On Sat, 03 Dec 2005, Adrian Bunk wrote:
> Things will change as time passes by, but then there's the possibility
> to open the next branch and bring the older branch into a security-fixes
> only mode.
>
> > If the current model doesn't work as you claim it doesn't, then maybe
> > the model needs finetuning. Right now the biggest pain is the userland
> > ABI changes that need new packages; sometimes (often) for no real hard
> > reason.
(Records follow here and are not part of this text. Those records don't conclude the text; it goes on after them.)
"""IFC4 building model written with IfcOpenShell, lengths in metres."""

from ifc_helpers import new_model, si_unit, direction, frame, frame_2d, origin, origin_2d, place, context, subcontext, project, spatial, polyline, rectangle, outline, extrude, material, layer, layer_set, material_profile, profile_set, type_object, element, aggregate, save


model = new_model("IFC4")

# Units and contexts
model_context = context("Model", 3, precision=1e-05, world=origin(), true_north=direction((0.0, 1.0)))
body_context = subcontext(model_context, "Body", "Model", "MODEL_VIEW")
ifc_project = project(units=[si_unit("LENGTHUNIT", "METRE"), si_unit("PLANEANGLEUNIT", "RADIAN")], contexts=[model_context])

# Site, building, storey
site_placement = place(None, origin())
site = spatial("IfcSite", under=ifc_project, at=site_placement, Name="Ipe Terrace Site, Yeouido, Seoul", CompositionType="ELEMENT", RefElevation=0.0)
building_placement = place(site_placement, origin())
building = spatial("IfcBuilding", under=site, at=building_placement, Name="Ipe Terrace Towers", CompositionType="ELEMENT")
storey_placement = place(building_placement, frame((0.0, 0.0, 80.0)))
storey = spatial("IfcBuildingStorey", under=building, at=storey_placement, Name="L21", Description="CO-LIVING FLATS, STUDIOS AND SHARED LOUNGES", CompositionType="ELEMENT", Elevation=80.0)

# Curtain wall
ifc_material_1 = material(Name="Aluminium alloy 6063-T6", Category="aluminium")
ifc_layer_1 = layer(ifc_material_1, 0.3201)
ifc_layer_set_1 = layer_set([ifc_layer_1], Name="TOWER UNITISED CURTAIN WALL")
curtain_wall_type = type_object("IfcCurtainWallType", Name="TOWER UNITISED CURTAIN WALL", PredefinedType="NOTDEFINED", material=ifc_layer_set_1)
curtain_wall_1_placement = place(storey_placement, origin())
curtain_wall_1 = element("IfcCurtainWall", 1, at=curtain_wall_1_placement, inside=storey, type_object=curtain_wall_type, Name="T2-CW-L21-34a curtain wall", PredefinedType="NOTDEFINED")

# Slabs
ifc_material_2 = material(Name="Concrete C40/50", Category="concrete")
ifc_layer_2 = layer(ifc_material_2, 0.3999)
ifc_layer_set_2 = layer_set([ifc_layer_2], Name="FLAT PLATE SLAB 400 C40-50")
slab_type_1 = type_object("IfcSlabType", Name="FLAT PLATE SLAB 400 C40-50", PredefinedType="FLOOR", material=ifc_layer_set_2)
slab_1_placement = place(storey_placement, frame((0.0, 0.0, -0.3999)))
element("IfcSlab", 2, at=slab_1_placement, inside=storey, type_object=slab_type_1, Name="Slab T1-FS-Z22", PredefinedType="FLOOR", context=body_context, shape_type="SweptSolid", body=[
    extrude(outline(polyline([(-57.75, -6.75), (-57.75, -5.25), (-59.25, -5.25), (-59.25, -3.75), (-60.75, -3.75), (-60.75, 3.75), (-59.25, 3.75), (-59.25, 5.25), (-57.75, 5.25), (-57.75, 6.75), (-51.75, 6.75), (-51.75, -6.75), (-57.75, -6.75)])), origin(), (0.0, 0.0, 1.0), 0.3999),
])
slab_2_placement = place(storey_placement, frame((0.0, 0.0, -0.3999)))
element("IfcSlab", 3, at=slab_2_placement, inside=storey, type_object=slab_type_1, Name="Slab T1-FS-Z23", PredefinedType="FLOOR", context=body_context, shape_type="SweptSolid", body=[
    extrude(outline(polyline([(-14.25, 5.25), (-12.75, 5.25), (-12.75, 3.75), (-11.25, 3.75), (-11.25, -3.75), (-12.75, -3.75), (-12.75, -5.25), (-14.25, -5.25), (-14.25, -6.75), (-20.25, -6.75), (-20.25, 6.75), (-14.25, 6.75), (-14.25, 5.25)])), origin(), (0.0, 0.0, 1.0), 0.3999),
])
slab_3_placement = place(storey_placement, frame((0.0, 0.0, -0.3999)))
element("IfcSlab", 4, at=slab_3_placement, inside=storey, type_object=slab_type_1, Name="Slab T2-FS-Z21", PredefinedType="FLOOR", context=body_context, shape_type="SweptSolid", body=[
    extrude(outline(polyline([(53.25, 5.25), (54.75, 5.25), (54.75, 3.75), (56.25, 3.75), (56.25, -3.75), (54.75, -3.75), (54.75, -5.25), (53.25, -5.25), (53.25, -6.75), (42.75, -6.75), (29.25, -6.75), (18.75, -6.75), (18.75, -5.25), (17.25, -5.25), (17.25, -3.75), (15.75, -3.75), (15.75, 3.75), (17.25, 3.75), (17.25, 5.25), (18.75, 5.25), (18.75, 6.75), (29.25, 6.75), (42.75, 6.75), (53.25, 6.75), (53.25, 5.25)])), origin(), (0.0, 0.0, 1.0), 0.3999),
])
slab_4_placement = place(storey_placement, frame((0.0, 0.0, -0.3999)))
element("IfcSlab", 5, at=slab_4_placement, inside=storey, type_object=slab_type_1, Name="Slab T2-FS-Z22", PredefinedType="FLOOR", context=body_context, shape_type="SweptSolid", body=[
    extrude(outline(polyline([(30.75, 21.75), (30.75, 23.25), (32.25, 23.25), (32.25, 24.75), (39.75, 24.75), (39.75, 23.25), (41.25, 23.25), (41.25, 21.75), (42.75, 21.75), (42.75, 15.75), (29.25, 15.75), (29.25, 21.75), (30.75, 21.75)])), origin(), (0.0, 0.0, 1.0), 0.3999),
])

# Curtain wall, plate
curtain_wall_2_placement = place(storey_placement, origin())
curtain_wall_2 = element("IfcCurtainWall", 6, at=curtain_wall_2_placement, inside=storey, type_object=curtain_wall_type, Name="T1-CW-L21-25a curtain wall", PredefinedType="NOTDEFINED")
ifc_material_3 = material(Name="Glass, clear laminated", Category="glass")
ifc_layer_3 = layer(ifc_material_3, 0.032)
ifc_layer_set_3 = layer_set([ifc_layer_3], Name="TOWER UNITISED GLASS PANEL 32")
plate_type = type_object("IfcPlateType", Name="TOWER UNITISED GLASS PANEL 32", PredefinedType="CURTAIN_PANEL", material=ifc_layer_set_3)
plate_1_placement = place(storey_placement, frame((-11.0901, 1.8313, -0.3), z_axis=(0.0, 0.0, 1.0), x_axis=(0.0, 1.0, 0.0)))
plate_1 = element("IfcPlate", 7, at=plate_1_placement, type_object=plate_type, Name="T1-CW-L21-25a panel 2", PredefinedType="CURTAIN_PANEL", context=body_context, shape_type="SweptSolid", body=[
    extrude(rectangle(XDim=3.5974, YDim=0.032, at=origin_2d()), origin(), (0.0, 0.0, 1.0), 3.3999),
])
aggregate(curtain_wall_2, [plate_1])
Maybe we should just stop doing those bits, they're not in any
> > fundamental way blocking general progress (sure there's some code bloat
> > due to it, but I guess we'll just have to live with that).
>
> IOW, we should e.g. ensure that today's udev will still work flawlessly
> with kernel 2.6.30 (sic)?
Exactly that, and kernel interfaces going away just to annoy binary
module providers also hurts third-party OSS modules, such as
Fujitsu-Siemens's ServerView agents.
I found myself chasing some genuine bugs in that code to please GCC 4
(which doesn't tolerate extern blah declarations before static blah
definitions), and some idiotic breakage when inter_module_get was
dropped somewhen between 2.6.8 (where the modules compiled just fine)
and 2.6.13 (where they didn't as functions had been removed). And
there's no point arguing about deprecation warnings being around,
interfaces can be removed between 2.6 and 2.8 but not between
2.6.foo.bar and 2.6.foo.baz. Why not use
#if LINUX_VERSION_CODE >= KERNEL_VERSION(2,8,0)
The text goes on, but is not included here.